Выбрать главу

В прошлом году в Неаполе Эмма нередко заходила днем в собор святого Доменико Маджорского и делала вид, будто интересуется надписями на древних гробницах неаполитанской знати, а сама внимательно смотрела на молящихся и представляла, как на них нисходит благодать, когда она благословляет их. Теперь ей хотелось защищать, но не этих людей. У героя в области сердца возникли боли, тупые и тягучие, среди ночи, во сне он так жалобно постанывал, что у лежавшей рядом супруги Кавалера душа разрывалась на части. Она принялась молча молиться за его здравие — в детстве Эмма никогда не ходила в англиканские церкви, но в Неаполе ей приходилось не раз бывать в местных католических храмах, и образ Пресвятой Мадонны частенько мерещился ей. Лежа рядом с героем и прислушиваясь к звону корабельной рынды, отбивающей склянки, она все больше склонялась к мысли, что если она снова помолится перед статуей Пресвятой девы Марии, то ее молитва непременно будет услышана на небесах. Сама Кавалерша в защите не нуждалась, но ей хотелось защитить любимого человека. Она так желала, чтобы боли у него прошли.

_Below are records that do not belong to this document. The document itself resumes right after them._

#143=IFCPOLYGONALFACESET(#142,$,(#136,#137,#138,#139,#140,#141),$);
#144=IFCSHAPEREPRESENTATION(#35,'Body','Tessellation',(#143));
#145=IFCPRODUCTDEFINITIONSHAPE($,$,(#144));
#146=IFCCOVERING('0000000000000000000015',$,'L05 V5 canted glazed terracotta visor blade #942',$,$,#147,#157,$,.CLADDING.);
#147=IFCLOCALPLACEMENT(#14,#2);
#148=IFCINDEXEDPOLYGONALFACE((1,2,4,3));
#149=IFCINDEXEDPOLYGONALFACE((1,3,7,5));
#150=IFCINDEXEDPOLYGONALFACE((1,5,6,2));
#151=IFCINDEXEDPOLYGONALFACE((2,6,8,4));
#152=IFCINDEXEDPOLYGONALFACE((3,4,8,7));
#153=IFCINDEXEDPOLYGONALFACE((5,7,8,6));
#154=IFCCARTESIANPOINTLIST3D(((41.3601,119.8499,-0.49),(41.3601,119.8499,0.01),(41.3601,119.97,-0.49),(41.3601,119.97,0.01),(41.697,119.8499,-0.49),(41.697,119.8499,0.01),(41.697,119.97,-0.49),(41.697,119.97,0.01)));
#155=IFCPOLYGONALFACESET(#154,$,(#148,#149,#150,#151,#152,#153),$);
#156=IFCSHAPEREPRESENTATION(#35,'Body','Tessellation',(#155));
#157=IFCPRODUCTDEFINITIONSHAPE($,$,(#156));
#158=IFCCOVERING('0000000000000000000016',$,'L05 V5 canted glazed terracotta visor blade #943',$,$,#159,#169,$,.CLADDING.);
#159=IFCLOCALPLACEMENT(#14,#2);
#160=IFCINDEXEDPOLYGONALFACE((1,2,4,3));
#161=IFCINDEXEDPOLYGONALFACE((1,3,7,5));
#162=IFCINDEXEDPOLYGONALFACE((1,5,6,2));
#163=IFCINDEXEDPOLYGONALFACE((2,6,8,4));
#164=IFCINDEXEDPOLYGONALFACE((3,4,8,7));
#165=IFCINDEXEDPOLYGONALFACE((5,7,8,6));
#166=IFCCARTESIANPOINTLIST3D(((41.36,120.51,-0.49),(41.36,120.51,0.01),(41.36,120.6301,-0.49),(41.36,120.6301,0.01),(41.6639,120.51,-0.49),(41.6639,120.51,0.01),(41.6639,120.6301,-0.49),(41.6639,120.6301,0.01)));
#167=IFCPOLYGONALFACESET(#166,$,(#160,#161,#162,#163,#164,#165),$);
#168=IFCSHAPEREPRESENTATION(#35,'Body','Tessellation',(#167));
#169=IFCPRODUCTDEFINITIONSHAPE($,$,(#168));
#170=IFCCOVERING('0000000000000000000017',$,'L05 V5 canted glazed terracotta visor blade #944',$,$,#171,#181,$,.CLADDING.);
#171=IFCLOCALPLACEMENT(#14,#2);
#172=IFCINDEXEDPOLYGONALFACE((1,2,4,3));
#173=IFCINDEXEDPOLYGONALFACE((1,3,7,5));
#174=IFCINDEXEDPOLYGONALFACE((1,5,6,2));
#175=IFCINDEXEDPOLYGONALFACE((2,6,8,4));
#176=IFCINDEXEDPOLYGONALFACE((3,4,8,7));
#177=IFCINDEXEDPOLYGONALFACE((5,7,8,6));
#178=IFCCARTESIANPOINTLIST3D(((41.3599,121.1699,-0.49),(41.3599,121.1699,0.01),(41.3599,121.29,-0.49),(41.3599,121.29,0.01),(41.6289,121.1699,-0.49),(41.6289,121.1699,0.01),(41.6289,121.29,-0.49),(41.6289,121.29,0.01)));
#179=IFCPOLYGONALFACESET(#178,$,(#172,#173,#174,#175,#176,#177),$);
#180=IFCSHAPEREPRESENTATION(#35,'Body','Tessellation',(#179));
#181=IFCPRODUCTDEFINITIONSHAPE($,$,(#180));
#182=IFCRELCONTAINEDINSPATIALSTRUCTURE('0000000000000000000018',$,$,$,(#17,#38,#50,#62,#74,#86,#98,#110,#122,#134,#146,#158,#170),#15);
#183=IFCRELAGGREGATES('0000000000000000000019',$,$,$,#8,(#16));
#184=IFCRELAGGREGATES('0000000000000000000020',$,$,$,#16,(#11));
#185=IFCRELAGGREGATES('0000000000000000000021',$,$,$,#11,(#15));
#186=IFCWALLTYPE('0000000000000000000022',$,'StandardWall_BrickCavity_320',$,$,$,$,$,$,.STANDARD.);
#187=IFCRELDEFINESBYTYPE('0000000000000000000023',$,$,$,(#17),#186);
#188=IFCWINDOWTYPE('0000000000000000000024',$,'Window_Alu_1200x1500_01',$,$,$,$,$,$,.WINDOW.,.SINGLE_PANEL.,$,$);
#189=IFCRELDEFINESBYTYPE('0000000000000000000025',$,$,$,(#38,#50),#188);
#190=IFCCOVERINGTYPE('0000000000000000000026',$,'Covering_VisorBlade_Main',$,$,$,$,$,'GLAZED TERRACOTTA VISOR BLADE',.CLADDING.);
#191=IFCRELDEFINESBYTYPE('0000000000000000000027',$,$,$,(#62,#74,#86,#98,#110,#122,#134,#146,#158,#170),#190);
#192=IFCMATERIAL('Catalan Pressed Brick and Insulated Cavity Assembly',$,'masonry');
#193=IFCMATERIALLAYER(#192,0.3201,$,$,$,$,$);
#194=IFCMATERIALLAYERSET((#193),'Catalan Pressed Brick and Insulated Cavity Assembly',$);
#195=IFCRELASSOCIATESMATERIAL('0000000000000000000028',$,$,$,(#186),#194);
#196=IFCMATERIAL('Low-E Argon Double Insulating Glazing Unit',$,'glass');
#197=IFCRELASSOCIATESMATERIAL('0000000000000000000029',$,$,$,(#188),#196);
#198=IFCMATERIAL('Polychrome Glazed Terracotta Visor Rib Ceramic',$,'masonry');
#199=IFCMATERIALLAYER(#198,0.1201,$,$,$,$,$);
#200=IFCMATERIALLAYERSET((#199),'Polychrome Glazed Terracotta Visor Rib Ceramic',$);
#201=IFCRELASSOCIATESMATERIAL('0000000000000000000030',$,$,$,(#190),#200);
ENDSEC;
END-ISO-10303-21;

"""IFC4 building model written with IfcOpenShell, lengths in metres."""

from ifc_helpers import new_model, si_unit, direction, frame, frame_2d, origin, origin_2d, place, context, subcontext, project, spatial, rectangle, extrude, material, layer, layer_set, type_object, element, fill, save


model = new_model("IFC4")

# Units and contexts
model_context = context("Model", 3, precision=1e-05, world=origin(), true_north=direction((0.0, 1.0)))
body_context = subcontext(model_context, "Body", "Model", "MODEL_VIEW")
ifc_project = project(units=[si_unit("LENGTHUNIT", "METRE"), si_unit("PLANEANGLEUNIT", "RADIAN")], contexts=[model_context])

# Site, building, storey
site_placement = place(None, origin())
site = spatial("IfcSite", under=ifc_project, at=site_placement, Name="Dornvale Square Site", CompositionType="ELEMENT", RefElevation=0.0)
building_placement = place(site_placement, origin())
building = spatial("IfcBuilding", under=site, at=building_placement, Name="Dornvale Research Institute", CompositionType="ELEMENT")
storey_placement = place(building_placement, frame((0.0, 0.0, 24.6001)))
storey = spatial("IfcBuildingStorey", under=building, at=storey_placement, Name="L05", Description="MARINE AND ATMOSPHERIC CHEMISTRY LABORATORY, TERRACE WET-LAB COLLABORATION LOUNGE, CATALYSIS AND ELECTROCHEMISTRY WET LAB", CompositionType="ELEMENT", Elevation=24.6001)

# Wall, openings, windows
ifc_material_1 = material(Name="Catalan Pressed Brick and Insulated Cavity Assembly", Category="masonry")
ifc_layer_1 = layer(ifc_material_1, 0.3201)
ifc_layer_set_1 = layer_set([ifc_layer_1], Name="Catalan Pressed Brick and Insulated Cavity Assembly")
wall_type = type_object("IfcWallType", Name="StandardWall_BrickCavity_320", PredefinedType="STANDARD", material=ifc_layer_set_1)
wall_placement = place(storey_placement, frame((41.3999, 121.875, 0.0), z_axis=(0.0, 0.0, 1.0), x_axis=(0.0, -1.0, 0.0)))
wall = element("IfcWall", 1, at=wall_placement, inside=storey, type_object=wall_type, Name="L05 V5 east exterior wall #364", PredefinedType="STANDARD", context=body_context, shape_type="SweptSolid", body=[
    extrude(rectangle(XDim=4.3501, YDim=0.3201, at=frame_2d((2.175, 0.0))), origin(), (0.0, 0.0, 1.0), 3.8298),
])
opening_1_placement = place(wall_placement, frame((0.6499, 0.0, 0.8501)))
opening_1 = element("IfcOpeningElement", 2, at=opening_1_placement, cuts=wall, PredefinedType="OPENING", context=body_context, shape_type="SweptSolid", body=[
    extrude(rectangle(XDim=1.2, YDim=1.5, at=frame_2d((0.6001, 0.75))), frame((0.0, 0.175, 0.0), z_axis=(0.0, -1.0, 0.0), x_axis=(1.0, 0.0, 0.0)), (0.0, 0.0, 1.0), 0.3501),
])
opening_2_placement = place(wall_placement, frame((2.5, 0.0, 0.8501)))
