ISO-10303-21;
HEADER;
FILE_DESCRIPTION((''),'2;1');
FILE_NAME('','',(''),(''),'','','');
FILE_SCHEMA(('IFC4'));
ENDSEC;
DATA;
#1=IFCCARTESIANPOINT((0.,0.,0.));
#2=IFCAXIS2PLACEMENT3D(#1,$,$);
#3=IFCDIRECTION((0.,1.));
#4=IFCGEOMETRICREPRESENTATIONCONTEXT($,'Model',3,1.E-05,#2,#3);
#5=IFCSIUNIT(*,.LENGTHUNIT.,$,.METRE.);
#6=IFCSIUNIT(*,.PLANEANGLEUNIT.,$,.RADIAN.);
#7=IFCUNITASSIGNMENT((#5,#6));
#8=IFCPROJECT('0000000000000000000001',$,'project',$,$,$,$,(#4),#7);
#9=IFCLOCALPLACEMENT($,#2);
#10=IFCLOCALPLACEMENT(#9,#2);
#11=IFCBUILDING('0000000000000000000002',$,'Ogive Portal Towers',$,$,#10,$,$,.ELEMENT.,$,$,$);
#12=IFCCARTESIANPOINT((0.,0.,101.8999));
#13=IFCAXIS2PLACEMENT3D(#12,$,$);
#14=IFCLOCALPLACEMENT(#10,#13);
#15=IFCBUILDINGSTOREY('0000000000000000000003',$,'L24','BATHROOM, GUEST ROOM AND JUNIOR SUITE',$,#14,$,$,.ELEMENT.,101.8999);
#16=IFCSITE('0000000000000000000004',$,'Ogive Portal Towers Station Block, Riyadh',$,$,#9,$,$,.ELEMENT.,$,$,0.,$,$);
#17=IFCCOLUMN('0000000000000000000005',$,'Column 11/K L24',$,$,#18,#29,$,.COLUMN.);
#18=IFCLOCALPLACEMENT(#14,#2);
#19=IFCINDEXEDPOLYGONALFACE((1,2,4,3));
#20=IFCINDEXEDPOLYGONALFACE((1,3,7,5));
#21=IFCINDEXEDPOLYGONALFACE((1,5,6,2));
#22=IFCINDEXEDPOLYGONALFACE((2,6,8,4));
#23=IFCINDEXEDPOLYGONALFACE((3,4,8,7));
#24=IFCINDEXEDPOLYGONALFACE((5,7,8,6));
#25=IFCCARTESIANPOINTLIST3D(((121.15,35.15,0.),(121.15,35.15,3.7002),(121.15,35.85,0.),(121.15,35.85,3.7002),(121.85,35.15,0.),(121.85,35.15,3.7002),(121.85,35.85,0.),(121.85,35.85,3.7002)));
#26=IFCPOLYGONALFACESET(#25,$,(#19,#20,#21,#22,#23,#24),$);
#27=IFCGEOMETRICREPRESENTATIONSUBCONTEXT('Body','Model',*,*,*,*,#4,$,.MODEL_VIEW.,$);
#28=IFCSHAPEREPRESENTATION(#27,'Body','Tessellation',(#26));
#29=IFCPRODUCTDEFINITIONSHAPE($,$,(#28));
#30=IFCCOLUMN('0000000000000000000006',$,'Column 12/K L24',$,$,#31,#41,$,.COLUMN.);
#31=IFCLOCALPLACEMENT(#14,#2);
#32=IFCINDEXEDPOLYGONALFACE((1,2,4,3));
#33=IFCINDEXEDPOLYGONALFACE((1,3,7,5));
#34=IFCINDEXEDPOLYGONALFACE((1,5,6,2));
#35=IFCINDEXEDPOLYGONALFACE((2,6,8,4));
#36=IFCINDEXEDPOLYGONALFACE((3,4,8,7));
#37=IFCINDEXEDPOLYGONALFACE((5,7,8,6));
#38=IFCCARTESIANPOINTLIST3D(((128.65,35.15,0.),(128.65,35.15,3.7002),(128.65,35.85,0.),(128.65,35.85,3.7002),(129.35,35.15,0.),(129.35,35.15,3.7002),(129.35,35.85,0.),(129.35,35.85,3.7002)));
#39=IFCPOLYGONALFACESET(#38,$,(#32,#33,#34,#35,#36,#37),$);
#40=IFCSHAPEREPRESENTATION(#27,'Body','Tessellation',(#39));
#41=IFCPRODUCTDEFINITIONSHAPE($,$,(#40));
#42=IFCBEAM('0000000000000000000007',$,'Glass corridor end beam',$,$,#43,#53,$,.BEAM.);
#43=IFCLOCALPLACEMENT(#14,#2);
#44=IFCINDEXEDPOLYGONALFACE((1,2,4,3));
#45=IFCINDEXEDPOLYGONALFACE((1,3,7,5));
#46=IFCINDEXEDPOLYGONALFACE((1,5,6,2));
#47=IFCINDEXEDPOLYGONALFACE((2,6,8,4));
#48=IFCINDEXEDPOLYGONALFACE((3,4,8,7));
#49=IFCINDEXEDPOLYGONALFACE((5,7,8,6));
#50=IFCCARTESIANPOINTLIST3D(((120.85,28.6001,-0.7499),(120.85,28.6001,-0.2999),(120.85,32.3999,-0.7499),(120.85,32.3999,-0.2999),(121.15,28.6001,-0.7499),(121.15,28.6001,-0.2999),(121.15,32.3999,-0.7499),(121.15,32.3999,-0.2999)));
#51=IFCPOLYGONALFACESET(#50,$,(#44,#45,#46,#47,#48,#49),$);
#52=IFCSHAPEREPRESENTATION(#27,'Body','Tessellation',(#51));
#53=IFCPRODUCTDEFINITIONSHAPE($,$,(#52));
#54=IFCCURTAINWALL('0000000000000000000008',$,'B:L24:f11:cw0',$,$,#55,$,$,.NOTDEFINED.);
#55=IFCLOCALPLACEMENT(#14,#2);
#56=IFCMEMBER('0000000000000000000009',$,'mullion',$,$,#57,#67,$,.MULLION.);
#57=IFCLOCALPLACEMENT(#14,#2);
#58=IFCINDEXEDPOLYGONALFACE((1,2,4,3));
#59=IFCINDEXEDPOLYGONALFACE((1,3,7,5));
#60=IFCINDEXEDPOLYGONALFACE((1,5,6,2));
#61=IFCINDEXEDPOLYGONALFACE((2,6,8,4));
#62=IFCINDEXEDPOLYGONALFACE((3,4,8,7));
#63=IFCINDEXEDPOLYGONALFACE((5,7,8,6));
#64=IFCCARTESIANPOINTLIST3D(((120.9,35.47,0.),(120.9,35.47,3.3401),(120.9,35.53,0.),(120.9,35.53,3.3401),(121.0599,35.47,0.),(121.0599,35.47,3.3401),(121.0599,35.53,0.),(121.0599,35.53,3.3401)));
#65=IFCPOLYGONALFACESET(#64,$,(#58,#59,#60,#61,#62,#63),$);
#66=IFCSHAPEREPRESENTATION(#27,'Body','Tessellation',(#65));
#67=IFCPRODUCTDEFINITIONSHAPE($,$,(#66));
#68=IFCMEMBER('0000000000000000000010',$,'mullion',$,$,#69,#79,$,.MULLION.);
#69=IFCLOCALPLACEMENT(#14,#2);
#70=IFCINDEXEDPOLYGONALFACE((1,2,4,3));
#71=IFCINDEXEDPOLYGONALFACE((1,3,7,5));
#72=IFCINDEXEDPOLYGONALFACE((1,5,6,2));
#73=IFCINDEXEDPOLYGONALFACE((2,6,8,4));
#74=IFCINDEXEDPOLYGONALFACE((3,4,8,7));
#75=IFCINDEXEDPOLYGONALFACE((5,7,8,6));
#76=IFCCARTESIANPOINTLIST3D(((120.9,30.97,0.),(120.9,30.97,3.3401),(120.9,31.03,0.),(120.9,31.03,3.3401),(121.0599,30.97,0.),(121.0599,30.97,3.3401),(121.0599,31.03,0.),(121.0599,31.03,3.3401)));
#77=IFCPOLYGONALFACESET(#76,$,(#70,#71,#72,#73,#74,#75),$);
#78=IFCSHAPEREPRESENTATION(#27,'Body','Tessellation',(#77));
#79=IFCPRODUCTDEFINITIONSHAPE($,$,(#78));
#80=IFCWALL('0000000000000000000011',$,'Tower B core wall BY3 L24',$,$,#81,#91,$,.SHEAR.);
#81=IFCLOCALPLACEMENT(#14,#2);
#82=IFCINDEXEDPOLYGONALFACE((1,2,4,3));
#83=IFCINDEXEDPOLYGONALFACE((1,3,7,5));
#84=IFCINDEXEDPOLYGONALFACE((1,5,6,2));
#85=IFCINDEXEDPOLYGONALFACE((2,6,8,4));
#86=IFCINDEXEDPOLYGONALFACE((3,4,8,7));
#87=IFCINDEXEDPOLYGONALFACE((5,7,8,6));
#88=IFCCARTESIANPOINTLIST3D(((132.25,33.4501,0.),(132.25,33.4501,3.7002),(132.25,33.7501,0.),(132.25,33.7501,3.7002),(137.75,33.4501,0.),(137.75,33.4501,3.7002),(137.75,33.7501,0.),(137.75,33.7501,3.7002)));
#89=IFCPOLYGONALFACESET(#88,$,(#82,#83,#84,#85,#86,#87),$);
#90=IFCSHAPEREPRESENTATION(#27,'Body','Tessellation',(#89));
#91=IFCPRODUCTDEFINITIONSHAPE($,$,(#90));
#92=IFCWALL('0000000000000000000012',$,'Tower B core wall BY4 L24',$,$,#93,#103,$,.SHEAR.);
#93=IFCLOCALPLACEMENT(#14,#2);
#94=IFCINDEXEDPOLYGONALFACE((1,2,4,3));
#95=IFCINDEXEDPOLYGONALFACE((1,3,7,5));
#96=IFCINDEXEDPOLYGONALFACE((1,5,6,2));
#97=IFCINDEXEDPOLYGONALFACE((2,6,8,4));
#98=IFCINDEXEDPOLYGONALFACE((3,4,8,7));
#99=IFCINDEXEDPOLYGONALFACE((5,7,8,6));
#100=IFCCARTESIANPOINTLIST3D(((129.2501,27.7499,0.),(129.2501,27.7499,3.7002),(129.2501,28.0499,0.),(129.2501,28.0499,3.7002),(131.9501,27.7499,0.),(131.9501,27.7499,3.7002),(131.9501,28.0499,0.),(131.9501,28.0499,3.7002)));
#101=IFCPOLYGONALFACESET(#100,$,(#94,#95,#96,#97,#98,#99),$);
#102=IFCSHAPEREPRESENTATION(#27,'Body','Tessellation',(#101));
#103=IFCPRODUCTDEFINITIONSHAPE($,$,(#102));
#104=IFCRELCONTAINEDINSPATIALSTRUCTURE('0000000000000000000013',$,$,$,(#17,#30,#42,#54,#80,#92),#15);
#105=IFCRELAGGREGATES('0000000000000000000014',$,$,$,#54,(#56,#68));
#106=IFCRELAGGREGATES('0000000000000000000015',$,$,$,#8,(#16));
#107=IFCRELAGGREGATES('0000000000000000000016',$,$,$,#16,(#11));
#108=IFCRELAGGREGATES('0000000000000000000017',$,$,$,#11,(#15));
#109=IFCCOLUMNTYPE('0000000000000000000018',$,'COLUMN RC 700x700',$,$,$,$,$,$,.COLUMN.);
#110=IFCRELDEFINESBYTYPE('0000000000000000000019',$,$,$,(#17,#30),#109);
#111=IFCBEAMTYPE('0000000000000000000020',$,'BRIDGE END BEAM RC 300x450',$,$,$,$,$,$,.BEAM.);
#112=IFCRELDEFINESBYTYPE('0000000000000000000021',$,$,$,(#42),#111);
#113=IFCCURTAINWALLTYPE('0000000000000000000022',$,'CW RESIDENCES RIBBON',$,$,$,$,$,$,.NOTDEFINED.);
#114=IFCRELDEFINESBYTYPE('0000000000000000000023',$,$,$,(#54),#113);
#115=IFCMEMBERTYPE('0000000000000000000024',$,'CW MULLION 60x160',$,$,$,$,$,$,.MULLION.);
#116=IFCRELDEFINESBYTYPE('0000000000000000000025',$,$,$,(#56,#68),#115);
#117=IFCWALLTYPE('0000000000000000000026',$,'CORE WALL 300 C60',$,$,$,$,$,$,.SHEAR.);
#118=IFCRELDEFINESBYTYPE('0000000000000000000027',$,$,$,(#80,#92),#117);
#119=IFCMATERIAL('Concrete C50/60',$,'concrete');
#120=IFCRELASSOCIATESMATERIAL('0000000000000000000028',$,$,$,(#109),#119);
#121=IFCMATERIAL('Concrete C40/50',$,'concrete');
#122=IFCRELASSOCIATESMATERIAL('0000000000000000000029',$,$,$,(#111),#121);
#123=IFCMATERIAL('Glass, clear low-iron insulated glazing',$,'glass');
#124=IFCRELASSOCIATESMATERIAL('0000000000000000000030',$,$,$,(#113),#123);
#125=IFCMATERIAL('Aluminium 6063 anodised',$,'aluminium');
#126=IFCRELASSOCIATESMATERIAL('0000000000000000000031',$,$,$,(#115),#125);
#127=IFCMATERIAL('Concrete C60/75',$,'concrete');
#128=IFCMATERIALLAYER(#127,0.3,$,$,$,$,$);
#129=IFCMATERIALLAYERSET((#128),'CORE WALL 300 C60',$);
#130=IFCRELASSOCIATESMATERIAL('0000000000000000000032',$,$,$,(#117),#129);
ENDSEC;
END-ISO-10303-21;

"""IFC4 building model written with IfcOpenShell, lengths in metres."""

from ifc_helpers import new_model, si_unit, direction, frame, frame_2d, origin, origin_2d, place, context, subcontext, project, spatial, rectangle, extrude, material, layer, layer_set, material_profile, profile_set, type_object, element, aggregate, save


model = new_model("IFC4")

# Units and contexts
model_context = context("Model", 3, precision=1e-05, world=origin(), true_north=direction((0.0, 1.0)))
body_context = subcontext(model_context, "Body", "Model", "MODEL_VIEW")
ifc_project = project(units=[si_unit("LENGTHUNIT", "METRE"), si_unit("PLANEANGLEUNIT", "RADIAN")], contexts=[model_context])

# Site, building, storey
site_placement = place(None, origin())
site = spatial("IfcSite", under=ifc_project, at=site_placement, Name="Ogive Portal Towers Station Block, Riyadh", CompositionType="ELEMENT", RefElevation=0.0)
building_placement = place(site_placement, origin())
building = spatial("IfcBuilding", under=site, at=building_placement, Name="Ogive Portal Towers", CompositionType="ELEMENT")
storey_placement = place(building_placement, frame((0.0, 0.0, 101.8999)))
storey = spatial("IfcBuildingStorey", under=building, at=storey_placement, Name="L24", Description="BATHROOM, GUEST ROOM AND JUNIOR SUITE", CompositionType="ELEMENT", Elevation=101.8999)

# Columns
ifc_material_1 = material(Name="Concrete C50/60", Category="concrete")
ifc_material_profile_1 = material_profile(ifc_material_1, rectangle(XDim=0.7, YDim=0.7, at=origin_2d()), Name="RC 700x700")
ifc_profile_set_1 = profile_set([ifc_material_profile_1], Name="Concrete C50/60")
column_type = type_object("IfcColumnType", Name="COLUMN RC 700x700", PredefinedType="COLUMN", material=ifc_profile_set_1)
for number, where, z_axis, x_axis, name in (
    (1, (121.5, 35.5, 0.0), (0.0, 0.0, 1.0), (1.0, 0.0, 0.0), "Column 11/K L24"),
    (2, (129.0, 35.5, 0.0), (0.0, 0.0, 1.0), (1.0, 0.0, 0.0), "Column 12/K L24"),
):
    element("IfcColumn", number, at=place(storey_placement, frame(where, z_axis=z_axis, x_axis=x_axis)), inside=storey, type_object=column_type, Name=name, PredefinedType="COLUMN", context=body_context, shape_type="SweptSolid", body=[
        extrude(rectangle(XDim=0.7, YDim=0.7, at=origin_2d()), origin(), (0.0, 0.0, 1.0), 3.7002),
    ])

# Beam
ifc_material_2 = material(Name="Concrete C40/50", Category="concrete")
ifc_material_profile_2 = material_profile(ifc_material_2, rectangle(XDim=0.3, YDim=0.45, at=origin_2d()), Name="RC 300x450")
ifc_profile_set_2 = profile_set([ifc_material_profile_2], Name="Concrete C40/50")
beam_type = type_object("IfcBeamType", Name="BRIDGE END BEAM RC 300x450", PredefinedType="BEAM", material=ifc_profile_set_2)
beam_placement = place(storey_placement, frame((121.0, 28.6001, -0.5249), z_axis=(0.0, 1.0, 0.0), x_axis=(-1.0, 0.0, 0.0)))
element("IfcBeam", 3, at=beam_placement, inside=storey, type_object=beam_type, Name="Glass corridor end beam", PredefinedType="BEAM", context=body_context, shape_type="SweptSolid", body=[
    extrude(rectangle(XDim=0.3, YDim=0.45, at=origin_2d()), origin(), (0.0, 0.0, 1.0), 3.7998),
])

Эмма подошла к боковому алтарю, поставила цветы в разукрашенную позолоченную вазу у ног Мадонны, зажгла пучок свечей, преклонила колени и пылко забормотала перед статуей молитвы. Кончив молиться, поднялась и, когда заглянула в нарисованные голубые глаза Мадонны, ей показалось, что увидела в них сострадание. Как же она тогда оживилась. «Да что я, дура такая», — подумала Эмма, но сразу испугалась, что Мадонна могла подслушать ее мысли, и, чтобы задобрить ее, положила в вельветовую копилку около вазы с цветами приличную сумму денег.

Хотя к супруге Кавалера никто не подходил, у нее тем не менее возникло ощущение, что за ней следят. Обернувшись и увидев около колонны широкоплечего мужчину с чувственным ртом, она сразу опознала его, но тот вроде бы даже не смотрел в ее сторону. Может, он хочет, чтобы она сама подошла к нему.

Когда Эмма приблизилась, мужчина поклонился с улыбкой и сказал, что для него большая неожиданность повстречать ее. Правда, он не добавил: повстречать здесь. Конечно же, эта встреча не была для него нечаянной. О намерении супруги Кавалера тайком прогуляться по городу барона Скарпиа информировал его осведомитель на «Фудроинте». Когда женщина высаживалась на берег, он в это время находился в порту и, увидев ее, проследил за Кавалершей до церкви. Хотя ей, видимо, и не понравилось, что Скарпиа был не в своей обычной скромной черной одежде, а вырядился, словно благородный дворянин, он тем не менее не смутился. Барон отметил про себя, насколько изменился облик этой женщины, когда-то изумительной красавицы, сумевшей вскружить голову легковерному английскому адмиралу. В Палермо, должно быть, немало всякой выпивки и вкусной еды, раз она так пополнела. И все же ее лицо и ножки по-прежнему остались прекрасными.

— Храбрость миледи достойна всяческого восхищения, — произнес Скарпиа. — В городе пока еще неспокойно.

— Здесь я чувствую себя в безопасности, — ответила она. — Люблю посещать церкви.

И Скарпиа тоже любил. Церкви напоминали ему, почему он стал католиком. И вовсе не из-за постулатов католицизма, а из-за интереса к боли, широко представленной в католической вере: целая палитра мучений святых, изощренных инквизиторских пыток и страданий обреченных.

— Не сомневаюсь, что миледи молится здесь за здравие и процветание их королевских величеств и за быстрое восстановление порядка в нашем многострадальном королевстве.

— Да, матери что-то нездоровится, — ответила Эмма, раздосадованная тем, что приходится врать.

— А не думает ли миледи зайти в свой старый дом? — поинтересовался Скарпиа.

— Разумеется, нет.

— Мне всегда не очень-то хотелось посещать эту церковь, столь милую сердцу знатных дворян. Я предпочитал молиться в своей приходской церкви на рыночной площади. Там в два часа состоится казнь.

— Церковь с черной Мадонной, — заметила Кавалерша, сделав вид, будто не поняла предложения Скарпиа.